EDITORIAL: Plastic is composed of major toxic pollutants that tend to harm the environment, and over some decades it has started to impacting the natural ecosystem negatively, which is creating problems for wildlife and human life alike. According to a study, of about 12 million pieces of litter found in and around rivers, oceans, shorelines and seafloor eight out of 10 are made of plastic.

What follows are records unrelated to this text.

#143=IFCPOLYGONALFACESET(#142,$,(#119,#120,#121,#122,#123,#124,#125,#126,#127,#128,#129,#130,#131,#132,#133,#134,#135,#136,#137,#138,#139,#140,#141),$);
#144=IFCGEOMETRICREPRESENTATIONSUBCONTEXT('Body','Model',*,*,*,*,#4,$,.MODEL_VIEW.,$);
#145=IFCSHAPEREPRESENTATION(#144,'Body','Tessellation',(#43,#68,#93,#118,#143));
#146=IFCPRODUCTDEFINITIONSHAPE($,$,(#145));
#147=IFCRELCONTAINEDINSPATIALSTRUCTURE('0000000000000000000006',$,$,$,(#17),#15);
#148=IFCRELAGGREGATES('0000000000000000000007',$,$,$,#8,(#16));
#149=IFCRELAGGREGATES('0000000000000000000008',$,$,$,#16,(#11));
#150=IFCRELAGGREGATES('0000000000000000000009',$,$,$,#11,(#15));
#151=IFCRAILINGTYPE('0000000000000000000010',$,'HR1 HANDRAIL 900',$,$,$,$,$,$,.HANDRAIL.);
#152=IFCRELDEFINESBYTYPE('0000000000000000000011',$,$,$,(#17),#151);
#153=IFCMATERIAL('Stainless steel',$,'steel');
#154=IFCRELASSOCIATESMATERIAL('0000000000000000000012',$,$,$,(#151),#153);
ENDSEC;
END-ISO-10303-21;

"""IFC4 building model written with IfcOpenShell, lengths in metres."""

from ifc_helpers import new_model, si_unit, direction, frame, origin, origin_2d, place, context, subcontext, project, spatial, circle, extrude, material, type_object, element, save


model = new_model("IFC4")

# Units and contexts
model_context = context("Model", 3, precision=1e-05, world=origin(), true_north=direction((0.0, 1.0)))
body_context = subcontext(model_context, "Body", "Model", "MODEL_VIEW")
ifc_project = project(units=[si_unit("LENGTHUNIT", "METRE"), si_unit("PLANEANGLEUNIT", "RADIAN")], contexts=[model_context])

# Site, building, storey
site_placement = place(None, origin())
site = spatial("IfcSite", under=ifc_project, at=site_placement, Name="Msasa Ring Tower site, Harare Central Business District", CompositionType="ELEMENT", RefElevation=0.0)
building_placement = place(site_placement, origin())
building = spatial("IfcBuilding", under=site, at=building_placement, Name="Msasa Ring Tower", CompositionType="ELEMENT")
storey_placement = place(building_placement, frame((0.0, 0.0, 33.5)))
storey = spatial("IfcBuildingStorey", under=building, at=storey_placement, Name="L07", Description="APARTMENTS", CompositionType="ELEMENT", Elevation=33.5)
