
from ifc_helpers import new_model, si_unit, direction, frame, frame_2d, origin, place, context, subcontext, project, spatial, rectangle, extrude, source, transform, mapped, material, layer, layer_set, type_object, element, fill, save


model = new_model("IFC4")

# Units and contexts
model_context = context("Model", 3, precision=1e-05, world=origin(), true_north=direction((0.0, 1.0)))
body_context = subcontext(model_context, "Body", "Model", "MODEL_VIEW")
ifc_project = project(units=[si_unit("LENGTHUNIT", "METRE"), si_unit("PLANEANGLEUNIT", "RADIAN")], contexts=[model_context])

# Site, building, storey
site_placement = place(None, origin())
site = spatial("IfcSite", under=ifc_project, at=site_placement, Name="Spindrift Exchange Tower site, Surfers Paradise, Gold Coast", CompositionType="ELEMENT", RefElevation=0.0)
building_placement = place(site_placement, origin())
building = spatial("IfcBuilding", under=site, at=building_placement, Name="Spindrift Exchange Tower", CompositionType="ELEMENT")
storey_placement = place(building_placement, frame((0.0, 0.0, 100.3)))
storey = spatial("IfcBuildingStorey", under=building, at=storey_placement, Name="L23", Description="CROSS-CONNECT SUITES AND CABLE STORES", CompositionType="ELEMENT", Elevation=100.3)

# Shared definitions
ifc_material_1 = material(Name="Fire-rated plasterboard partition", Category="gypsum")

And 44 percent of this plastic litter related to take-out food and drinks. Single-use bottles, food containers and wrappers, and plastic bags made up the biggest share.
Over the last several years the environmental lobbyists have been trying to persuade the governments to outlaw the single-use plastic items, but not with much success. It is instructive to note that it was on Saturday that Britain’s environment department announced that England would ban a range of single-use plastic items in an effort to limit soaring plastic pollution, and the ban would come into effect in the autumn of 2023. It is said that the new ban would also include single-use plastic trays, balloon sticks and some types of polystyrene cups and food containers.
The decision follows a public consultation by the government in which 95 percent of respondents were in favour of ban. The department seems to have rightly realised that most plastics can remain intact for centuries and damage oceans, rivers and land.
Quite a few countries, including Bangladesh, have banned use of single-use plastic items, and of the South Asian countries Pakistan is last on the list.
According to a two-year-old figure, more than 3.3 million tonnes of plastic is wasted annually in Pakistan, and most of it ends up in landfills, unmanaged dumps or strewn about land and water bodies, choking the cities’ drainage systems and massively contributing to urban flooding. Of course some attempts on the part of concerned authorities are made to control disposal of single-use plastic items, but their plans refuse to climb down from the drawing board.
For instance, in 2020, the government issued an SRO to ban the plastic bags in federal capital and some other cities. But the ban soon succumbed to resistance from the shopkeepers and the shoppers alike. Since governance in today’s Pakistan is intensely politicised no politician is trying to find out why the ban on single-use plastic items has not come into force. Ideally, the civil society and media should raise their voices against the mounting environmental threat posed by toxic plastic.